Good luck for your wife too, maybe to make it more interesting aroebic or spinning classes change things up a bit from x trainer or treadmill , just a thought.


----------



## bert1 (Aug 22, 2010)

lol, when I am training i drink like 3 litres of water, bu possibly right since i drink little the rest of the day.

the dizzyness just seems random, not after training so far, just when standing up or lying down ect....perhaps because im unfit.

I dont think she will go out and do arobics....i think she is going down the dvd route - its easier in your own home because theres no one to watch kinda thing ( aafter a child ). I dont know why she`s like that, to me she`s perfect....


----------



## Bettyboo (Jun 8, 2009)

bert1 said:


> lol, when I am training i drink like 3 litres of water, bu possibly right since i drink little the rest of the day.
> 
> the dizzyness just seems random, not after training so far, just when standing up or lying down ect....perhaps because im unfit.
> 
> I dont think she will go out and do arobics....i think she is going down the dvd route - its easier in your own home because theres no one to watch kinda thing ( aafter a child ). I dont know why she`s like that, to me she`s perfect....


Aaww thats sweet!

Cool there are some fab dvd's out there with good workouts maybe get two and alternate them a few days a week so it doesnt get too repetitive and boring, then maybe once confidence has built up then go down the gym route.

Best of luck to you both  hope the nipper is good


----------



## bert1 (Aug 22, 2010)

cheers 

the nipper? you almost made him sound cute !

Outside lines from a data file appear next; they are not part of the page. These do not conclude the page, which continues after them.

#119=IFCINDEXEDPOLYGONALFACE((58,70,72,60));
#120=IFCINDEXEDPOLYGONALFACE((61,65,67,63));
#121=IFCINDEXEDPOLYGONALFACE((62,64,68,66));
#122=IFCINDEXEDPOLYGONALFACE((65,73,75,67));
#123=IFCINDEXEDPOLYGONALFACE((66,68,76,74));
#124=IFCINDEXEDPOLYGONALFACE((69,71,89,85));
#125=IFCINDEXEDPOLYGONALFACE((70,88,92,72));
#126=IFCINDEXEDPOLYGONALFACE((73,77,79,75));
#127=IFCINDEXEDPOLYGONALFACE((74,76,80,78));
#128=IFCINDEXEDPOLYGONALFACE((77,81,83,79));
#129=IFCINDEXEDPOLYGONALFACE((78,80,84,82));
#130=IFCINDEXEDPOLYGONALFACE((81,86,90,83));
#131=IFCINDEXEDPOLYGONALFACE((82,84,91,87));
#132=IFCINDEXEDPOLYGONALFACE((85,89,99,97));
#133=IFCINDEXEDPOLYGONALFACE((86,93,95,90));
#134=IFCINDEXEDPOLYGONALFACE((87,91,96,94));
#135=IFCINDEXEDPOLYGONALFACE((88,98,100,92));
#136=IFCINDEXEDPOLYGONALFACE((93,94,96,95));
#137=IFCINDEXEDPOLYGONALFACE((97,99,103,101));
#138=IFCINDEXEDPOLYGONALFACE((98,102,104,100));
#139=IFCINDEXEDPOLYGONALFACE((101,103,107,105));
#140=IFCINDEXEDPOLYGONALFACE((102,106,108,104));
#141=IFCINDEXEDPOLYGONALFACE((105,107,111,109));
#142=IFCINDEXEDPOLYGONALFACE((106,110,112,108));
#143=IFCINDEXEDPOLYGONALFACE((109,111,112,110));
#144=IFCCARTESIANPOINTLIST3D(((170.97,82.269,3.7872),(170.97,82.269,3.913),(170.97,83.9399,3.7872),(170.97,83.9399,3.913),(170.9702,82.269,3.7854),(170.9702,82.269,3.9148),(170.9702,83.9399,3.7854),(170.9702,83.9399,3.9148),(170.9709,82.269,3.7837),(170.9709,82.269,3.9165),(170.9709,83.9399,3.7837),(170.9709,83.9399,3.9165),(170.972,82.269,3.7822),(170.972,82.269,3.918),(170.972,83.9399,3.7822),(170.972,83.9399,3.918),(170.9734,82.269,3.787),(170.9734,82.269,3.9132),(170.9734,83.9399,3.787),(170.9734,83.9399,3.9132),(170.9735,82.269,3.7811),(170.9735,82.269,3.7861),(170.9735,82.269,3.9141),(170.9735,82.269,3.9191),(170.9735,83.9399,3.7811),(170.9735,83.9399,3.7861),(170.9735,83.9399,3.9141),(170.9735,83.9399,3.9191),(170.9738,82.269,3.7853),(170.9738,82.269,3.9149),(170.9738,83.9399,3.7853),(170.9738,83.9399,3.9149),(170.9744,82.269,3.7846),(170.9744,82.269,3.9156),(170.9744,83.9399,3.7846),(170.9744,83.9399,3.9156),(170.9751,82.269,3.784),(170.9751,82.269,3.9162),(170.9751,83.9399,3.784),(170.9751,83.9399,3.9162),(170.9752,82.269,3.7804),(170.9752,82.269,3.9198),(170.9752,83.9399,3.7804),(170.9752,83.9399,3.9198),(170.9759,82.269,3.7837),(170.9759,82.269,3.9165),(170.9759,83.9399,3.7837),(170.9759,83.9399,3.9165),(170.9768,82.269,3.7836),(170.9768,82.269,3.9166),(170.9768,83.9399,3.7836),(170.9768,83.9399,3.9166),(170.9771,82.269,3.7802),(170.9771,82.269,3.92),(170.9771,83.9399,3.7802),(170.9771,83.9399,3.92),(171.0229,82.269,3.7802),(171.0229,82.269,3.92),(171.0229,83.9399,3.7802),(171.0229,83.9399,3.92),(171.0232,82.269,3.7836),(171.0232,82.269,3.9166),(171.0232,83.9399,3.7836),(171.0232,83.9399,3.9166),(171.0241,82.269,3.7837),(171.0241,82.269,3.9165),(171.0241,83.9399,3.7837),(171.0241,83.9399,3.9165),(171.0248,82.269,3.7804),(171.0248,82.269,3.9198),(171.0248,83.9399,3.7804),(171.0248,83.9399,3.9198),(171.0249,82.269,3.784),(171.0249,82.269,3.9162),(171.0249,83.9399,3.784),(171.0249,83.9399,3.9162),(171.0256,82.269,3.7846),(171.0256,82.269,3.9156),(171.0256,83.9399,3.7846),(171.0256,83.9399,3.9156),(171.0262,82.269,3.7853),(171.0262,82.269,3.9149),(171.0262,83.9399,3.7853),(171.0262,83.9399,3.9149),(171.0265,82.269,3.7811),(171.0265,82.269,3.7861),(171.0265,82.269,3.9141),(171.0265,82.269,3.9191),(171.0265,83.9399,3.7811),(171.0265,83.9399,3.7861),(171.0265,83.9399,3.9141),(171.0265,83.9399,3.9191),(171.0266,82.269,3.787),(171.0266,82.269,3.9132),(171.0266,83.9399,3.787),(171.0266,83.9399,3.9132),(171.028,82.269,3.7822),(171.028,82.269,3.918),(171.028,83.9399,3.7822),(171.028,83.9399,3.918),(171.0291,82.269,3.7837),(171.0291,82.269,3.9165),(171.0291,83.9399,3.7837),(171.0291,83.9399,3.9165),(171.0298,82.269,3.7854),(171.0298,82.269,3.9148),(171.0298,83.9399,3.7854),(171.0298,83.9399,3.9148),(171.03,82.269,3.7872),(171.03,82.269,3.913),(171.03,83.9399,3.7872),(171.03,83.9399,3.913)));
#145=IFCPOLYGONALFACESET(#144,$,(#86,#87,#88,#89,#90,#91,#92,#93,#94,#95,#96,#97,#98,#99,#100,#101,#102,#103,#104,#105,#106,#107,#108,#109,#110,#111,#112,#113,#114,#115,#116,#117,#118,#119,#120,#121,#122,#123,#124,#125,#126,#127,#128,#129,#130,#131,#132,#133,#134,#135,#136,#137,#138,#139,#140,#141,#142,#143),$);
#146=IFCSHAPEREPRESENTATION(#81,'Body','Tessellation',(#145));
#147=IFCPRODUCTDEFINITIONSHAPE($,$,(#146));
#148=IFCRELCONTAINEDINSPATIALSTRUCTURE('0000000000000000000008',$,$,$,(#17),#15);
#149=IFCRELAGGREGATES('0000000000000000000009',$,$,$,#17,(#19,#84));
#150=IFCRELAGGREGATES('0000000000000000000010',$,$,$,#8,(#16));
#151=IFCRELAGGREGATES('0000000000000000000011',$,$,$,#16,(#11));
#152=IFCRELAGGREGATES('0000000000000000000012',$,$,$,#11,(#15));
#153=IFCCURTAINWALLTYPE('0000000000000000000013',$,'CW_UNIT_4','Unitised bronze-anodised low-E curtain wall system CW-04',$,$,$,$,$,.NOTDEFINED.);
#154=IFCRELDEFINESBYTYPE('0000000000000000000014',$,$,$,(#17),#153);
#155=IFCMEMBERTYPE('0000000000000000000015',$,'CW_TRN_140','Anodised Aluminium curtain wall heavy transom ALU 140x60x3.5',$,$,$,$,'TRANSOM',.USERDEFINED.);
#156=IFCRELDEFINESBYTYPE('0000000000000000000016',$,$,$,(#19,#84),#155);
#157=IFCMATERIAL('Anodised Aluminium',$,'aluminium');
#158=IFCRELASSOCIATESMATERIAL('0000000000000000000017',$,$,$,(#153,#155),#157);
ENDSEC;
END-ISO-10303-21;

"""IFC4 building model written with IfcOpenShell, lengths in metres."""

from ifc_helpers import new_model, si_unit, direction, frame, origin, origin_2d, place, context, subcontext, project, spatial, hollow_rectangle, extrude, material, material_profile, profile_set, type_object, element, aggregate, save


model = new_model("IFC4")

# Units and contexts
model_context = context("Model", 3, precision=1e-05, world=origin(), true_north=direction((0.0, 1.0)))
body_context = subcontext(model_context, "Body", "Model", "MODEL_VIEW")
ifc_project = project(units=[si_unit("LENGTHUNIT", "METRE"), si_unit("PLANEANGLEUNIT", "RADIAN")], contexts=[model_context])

( 16 months old ) Vincents a little bugger! all he does is destroy my things, **** every couple hours and kick me in the head hahaha - love him to bits tho


----------



## Bettyboo (Jun 8, 2009)

bert1 said:


> cheers
> 
> the nipper? you almost made him sound cute !
> 
> ( 16 months old ) Vincents a little bugger! all he does is destroy my things, **** every couple hours and kick me in the head hahaha - love him to bits tho


lol @ kick me in the head pmsl

Right I had better get some sleep well at least try lol

:whistling:


----------



## tonyc74 (Sep 2, 2009)

good luck with the journal - it will be easier than you think to get where you need to be, just keep it simple!


----------



## Ken Hutchinson (May 29, 2009)

Good luck mate, you are not as bad as you think you are, people on this board have started from a lot worse position than you, keep at it, and you will get there.


----------



## Hobbio (Jul 9, 2010)

bert1 said:


> lol, im not going to quit dont worry (* I have to beat hobbio after all *), I just wondered if I was always going to be dizzy ect or if my body would adjust to less again
> 
> Im trying to convince the wife to train with me also - she is looking at more arobic type training for fat loss after having our son but still someone to egg me on a bit


Ahem, in your dreams boy! :whistling:


----------



## bert1 (Aug 22, 2010)

gah bad night.....just lay wide awake untill 8am and then slept until 11  duno why  feel crap


----------



## Little_Jay (Feb 6, 2006)

good luck mate, but that body fat calculator must be way off the mark! it says am 9.6% but there is no way i am!


----------



## bert1 (Aug 22, 2010)

how do you work it out james? is there a more acurate way?


----------



## Little_Jay (Feb 6, 2006)

you can use calipairs (sp) i think they are the most accurate even though i havent done it myself, but i would estimate my body fat to be about 15-18% so that is way off i think!


----------



## bert1 (Aug 22, 2010)

god I hope your wrong....but I wouldnt have said i was more than 30% tops, I have absolutely no fat except love handles, chest and gut


----------



## bert1 (Aug 22, 2010)

25-8-10

got 3 hours sleep, 0800-1100ish last night 

did 3x10 push ups, 3x10 arms at my side and lifting them outwards ( with little weights ), 3x10 crunch sit up things, 3x10 lying on the bed with my arms above my head lifting weights up to vertical, walked about 2 miles pushing my son.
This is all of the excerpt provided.